In a globalized world, the expansion of the biofuels industry has contributed to spikes in food prices and a shortage of land for food-based agriculture in poor corners of Asia, Africa and Latin America because the raw material is grown wherever it is cheapest….

In 2011, corn prices would have been 17 percent lower if the United States did not subsidize and give incentives for biofuel production with its renewable fuel policies, according to an analysis by Bruce A. Babcock, an agricultural economist at Iowa State University. The World Bank has suggested that biofuel mandates in the developed world should be adjusted when food is short or prices are inordinately high.

Instead of "adjusting" mandates, let's just eliminate them entirely. Of course, Reason has long been opposed to subsidies and mandates for the production of biofuels. (Reason is, in principle, against distorting markets by any subsidies, period.)

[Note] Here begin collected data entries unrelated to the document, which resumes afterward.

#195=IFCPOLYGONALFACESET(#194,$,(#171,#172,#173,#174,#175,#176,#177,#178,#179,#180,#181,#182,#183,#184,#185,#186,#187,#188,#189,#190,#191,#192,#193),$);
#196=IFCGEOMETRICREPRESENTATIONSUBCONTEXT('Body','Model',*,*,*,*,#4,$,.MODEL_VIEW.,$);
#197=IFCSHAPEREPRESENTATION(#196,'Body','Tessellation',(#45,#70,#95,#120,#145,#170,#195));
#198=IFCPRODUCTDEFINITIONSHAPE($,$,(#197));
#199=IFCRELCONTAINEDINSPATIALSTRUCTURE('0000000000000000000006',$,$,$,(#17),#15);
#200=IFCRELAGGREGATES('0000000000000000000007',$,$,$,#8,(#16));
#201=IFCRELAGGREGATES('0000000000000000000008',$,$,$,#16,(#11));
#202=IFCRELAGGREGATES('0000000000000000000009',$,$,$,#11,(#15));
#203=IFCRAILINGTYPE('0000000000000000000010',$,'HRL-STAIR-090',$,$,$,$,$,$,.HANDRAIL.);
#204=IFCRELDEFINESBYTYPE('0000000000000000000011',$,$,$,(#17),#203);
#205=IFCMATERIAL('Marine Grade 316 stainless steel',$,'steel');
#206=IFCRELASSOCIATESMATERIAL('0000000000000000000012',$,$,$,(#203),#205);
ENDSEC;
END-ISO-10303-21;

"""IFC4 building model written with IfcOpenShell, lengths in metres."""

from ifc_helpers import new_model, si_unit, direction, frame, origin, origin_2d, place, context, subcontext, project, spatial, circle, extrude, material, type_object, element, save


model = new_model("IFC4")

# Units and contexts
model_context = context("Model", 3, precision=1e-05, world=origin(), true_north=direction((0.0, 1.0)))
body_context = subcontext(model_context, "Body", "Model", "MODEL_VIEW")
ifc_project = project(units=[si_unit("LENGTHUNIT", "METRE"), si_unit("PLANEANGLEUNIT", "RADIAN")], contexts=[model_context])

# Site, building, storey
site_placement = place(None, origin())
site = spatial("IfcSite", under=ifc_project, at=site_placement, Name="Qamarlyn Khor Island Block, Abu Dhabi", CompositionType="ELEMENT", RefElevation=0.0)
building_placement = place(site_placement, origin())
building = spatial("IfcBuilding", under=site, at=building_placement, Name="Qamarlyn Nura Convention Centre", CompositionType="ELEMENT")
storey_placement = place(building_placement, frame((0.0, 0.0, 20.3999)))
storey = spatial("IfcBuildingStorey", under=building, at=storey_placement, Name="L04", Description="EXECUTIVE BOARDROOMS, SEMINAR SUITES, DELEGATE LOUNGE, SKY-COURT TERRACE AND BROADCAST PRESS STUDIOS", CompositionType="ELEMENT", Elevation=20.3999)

Back in 2007, i reported in my column, "Feed SUVs and Starve People?," that Federal subsidies and mandates were increasing the prices of grain making it harder for poor people to feed their families. In particular, bioethanol subsidies and mandates boost the price corn which is used to feed livestock. In addition, subsidies and mandates push up the price of other agricultural products because…

… farmers choose to plant less of them. For example, the U.S. Department of Agriculture projects that farmers will boost corn acreage from 80 million in 2006 to 94 million acres this year. Most of the increased acreage devoted to corn will come from reduced soybean acreage. Fewer soybeans means translates into higher prices.

Futhermore, an analysis by the International Food Policy Research Institute (IFPRI) projected by 2020…

…that corn prices will go up 23 percent, wheat, 16 percent, cassava, 54 percent, and sugar cane, 43 percent. If there is no cellulosic ethanol breakthrough and crop productivity increases at the current rate, the price of corn would increase 41 percent, wheat, 30 percent, cassava, 135 percent, and sugar cane, 66 percent.

Another way to look at the issue is that…

…it takes 450 pounds of corn to make enough ethanol to fill a 25-gallon gas tank. Four hundred and fifty pounds of corn supplies enough calories to feed a person for one year. The USDA projects that in 2010 the ethanol industry will consume 2.6 billion bushels of corn. A bushel weighs 56 pounds, so a quick calculation yields the result that 2.6 billion bushels of corn could supply enough calories to feed nearly 325 million people for a year.

Producing hordes of hungry people is no way to protect the natural environment.